Lire l’évangile du dimanche V du temps ordinaire C (Lc. 5,1-11)

Si nous faisons un peu de mémoire, l’évangile de la semaine dernière nous avait décrit la réaction des compatriotes de Jésus, ils n’ont pas voulu croire à sa prédication, ils l’ont chassé de la synagogue et voulu le faire mourir.

Mais tous les autres chemins étaient ouverts pour le Seigneur, là où la synagogue fermait ses portes, Il allait prêcher aux gens au bord d’un lac, en plein air et, comme nous dit l’évangile d’aujourd’hui, « la foule se pressait autour de lui pour écouter la parole de Dieu ».

C’est le matin, probablement de bonne heure, comme si l’évangile nous faisait apercevoir même la fraîcheur matinale du rivage. Simon, qui avait eu une mauvaise nuit de travail, se trouve là avec ses associés, car une des deux barques lui appartenait, et ils lavaient leurs filets. Le Seigneur lui demande sa barque pour faire d’elle sa chaire de prédication.

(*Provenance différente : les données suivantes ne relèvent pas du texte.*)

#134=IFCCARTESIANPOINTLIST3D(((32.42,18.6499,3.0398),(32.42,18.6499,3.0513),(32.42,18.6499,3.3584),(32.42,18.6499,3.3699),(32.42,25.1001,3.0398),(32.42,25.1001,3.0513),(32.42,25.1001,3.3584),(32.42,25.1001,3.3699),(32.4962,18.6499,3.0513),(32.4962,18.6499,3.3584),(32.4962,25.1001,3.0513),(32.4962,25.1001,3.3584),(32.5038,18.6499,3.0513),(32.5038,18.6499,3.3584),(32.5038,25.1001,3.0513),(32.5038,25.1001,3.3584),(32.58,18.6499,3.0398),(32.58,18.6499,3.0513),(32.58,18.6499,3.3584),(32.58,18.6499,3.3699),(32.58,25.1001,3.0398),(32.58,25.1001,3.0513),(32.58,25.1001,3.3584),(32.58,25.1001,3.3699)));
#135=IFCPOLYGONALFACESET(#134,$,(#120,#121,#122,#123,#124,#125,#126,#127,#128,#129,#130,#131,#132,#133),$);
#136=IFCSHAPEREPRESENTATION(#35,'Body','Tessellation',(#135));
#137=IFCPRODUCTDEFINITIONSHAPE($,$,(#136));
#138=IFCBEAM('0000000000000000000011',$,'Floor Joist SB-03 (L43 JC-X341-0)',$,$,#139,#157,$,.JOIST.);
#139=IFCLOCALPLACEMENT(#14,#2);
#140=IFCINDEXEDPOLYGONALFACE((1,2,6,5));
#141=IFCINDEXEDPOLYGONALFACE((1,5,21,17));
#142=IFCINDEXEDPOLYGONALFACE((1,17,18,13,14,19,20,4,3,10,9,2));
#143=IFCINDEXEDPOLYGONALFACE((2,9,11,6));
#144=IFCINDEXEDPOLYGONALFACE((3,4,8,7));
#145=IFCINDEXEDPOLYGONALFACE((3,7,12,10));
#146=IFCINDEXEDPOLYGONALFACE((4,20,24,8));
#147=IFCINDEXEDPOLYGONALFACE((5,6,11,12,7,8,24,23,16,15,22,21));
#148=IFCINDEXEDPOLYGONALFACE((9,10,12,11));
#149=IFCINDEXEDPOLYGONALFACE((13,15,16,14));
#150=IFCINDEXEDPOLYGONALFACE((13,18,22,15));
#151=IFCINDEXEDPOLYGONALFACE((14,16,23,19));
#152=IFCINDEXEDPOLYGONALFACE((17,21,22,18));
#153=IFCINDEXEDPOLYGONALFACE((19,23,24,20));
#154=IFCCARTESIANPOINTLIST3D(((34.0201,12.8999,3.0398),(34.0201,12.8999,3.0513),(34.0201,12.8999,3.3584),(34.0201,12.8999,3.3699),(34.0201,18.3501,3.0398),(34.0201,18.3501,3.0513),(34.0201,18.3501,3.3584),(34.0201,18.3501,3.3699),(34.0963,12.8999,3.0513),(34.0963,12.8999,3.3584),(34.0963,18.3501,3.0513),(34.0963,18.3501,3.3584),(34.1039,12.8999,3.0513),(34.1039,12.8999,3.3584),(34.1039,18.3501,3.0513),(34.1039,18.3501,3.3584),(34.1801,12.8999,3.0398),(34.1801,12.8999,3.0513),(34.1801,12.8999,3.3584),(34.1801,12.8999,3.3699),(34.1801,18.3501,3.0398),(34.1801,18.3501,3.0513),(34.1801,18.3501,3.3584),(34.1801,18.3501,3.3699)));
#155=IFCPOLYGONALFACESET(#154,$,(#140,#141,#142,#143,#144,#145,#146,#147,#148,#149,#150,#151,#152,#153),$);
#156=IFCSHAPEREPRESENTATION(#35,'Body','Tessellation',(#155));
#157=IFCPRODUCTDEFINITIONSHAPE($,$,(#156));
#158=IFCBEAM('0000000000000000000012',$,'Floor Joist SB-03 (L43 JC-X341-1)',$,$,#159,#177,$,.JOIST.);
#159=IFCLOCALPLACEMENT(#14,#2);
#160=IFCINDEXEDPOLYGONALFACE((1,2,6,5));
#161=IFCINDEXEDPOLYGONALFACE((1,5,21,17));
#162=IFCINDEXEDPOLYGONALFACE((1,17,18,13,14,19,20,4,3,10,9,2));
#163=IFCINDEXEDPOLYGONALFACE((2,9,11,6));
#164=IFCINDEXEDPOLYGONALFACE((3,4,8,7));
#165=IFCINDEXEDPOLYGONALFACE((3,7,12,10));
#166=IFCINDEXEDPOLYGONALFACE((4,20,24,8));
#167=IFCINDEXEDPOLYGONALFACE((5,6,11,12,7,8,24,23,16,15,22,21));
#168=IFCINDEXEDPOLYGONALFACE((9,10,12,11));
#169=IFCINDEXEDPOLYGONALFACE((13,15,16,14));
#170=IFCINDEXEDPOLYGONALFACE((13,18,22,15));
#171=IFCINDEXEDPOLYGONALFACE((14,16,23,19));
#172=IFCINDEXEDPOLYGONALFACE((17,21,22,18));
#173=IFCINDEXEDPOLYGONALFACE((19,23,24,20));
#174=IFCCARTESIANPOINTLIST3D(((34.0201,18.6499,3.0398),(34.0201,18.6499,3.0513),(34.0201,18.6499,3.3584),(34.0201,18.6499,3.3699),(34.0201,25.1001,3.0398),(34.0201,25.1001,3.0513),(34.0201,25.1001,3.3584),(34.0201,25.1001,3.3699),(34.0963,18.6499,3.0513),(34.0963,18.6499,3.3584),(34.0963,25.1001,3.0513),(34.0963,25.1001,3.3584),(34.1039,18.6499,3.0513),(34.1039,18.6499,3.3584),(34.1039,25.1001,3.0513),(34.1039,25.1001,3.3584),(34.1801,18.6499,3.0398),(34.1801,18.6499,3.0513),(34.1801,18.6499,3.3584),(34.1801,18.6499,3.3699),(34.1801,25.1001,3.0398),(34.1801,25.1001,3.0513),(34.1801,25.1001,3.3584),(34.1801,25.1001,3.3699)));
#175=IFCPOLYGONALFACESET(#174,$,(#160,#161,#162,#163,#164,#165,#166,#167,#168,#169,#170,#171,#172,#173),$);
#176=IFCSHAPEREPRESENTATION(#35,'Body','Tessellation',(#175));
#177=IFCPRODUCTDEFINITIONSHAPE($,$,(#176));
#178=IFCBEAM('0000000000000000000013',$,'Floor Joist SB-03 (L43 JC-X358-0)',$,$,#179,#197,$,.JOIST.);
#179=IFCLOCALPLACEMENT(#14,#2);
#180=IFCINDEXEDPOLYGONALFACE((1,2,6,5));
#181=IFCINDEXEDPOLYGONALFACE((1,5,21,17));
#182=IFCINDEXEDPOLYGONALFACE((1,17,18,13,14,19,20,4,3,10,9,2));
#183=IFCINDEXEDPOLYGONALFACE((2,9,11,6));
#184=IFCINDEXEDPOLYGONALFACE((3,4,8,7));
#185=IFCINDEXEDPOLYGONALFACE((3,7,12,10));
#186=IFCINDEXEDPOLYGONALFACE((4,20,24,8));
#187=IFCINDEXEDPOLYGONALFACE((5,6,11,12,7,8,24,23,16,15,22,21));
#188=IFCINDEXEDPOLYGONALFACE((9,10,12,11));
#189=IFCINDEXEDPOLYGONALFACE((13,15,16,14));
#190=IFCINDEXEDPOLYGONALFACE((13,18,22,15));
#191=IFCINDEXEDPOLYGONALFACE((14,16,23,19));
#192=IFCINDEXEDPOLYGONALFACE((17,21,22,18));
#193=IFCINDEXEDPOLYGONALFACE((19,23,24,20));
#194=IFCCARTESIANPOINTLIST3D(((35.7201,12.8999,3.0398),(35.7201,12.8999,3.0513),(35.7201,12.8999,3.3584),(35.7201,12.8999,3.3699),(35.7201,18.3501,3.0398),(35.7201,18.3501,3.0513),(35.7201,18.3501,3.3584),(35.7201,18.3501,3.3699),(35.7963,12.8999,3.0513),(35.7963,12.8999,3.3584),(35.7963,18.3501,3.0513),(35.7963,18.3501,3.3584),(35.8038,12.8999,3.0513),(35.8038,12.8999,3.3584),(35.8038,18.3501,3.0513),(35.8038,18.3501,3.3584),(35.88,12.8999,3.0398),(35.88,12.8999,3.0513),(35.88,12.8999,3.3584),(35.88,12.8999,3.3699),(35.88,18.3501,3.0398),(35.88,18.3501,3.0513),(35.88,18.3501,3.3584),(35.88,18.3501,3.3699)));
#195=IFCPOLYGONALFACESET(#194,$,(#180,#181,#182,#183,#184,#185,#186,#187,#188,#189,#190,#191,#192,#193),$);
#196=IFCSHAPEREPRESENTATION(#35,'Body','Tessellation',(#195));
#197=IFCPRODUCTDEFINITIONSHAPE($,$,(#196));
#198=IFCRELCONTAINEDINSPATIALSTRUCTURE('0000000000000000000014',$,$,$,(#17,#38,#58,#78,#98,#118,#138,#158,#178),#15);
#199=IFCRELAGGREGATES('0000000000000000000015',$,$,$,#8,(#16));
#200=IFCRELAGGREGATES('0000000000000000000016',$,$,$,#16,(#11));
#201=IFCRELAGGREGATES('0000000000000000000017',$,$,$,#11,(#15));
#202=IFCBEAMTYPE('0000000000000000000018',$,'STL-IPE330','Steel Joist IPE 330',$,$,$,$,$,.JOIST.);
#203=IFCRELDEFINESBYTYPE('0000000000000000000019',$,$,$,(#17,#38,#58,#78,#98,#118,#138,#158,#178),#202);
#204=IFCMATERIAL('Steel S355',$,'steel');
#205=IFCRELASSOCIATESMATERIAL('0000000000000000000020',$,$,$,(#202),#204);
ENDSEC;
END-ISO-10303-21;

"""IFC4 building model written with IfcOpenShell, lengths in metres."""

Simon connaissait déjà Notre Seigneur, il était parmi les premiers disciples. Il avait déjà été témoin de quelques miracles de Notre Seigneur, dont la guérison de sa belle mère et Jésus avait même été son hôte chez lui à Capharnaüm. Simon connaît Jésus et le pouvoir de sa Parole et son pouvoir de guérir.

C’est pour cela que Jésus, après avoir donné congé à la foule, s’adresse à lui et commande, lui « donne l’ordre » de s’éloigner encore plus loin de la côte, « d’avancer au large et de jeter leurs filets pour la pêche ».

Les filets utilisés par les pêcheurs de la mer de Galilée (ou Génésareth, comme dit l’évangile) étaient un système à trois filets, chacun mesurant entre 400 et 500 mètres, c’étaient donc des grands filets et on les jetait à une bonne profondeur. Pour ce faire, on avait besoin d’au moins 4 hommes.

Il était humainement difficile de ramasser des poissons le matin, car c’est la nuit le temps propice pour la pêche comme industrie.

Mais l’élection de Simon et sa vocation exigent la foi, même si cela n’est pas encore compréhensible ou qu’on le considère comme impossible, Simon le fera. Il s’agit d’avoir la foi, comme la foi d’Abraham qui a cru, dit saint Paul,  espérant contre toute espérance (Rom. 4,18).

« Sur ta parole, je vais jeter les filets » et cette foi de Pierre sera largement récompensée. 

Il est intéressant de considérer ici, que Simon n’avait exigé aucun signe du Seigneur auparavant ; il n’a pas demandé un miracle, mais il en reçoit un qui s’adapte à sa vie, à sa situation, à son intelligence et à sa future vocation.

Un commentateur de cet évangile nous explique bien cet aspect : Disons, par exemple, qu’on trouve quelqu’un qui est un grand scientifique ou un philosophe, un grand médecin. Son épouse ne s’étonnera pas des grandes connaissances de son mari ; mais si un jour, son mari arrive à lui montrer qu’il est encore meilleur cuisinier qu’elle, cela peut faire qu’elle sera désormais pleine d’admiration pour lui et étonnée de ses qualités qu’elle ignorait.

Et c’est un peu le cas de Simon fils de Jean, et notre exemple est faible, car il en est resté effrayé  comme jamais dans sa vie et il a ressenti sa petitesse devant la divinité de Jésus, comme nous le montre, son cri : « Éloigne-toi de moi, Seigneur, car je suis un homme pécheur. »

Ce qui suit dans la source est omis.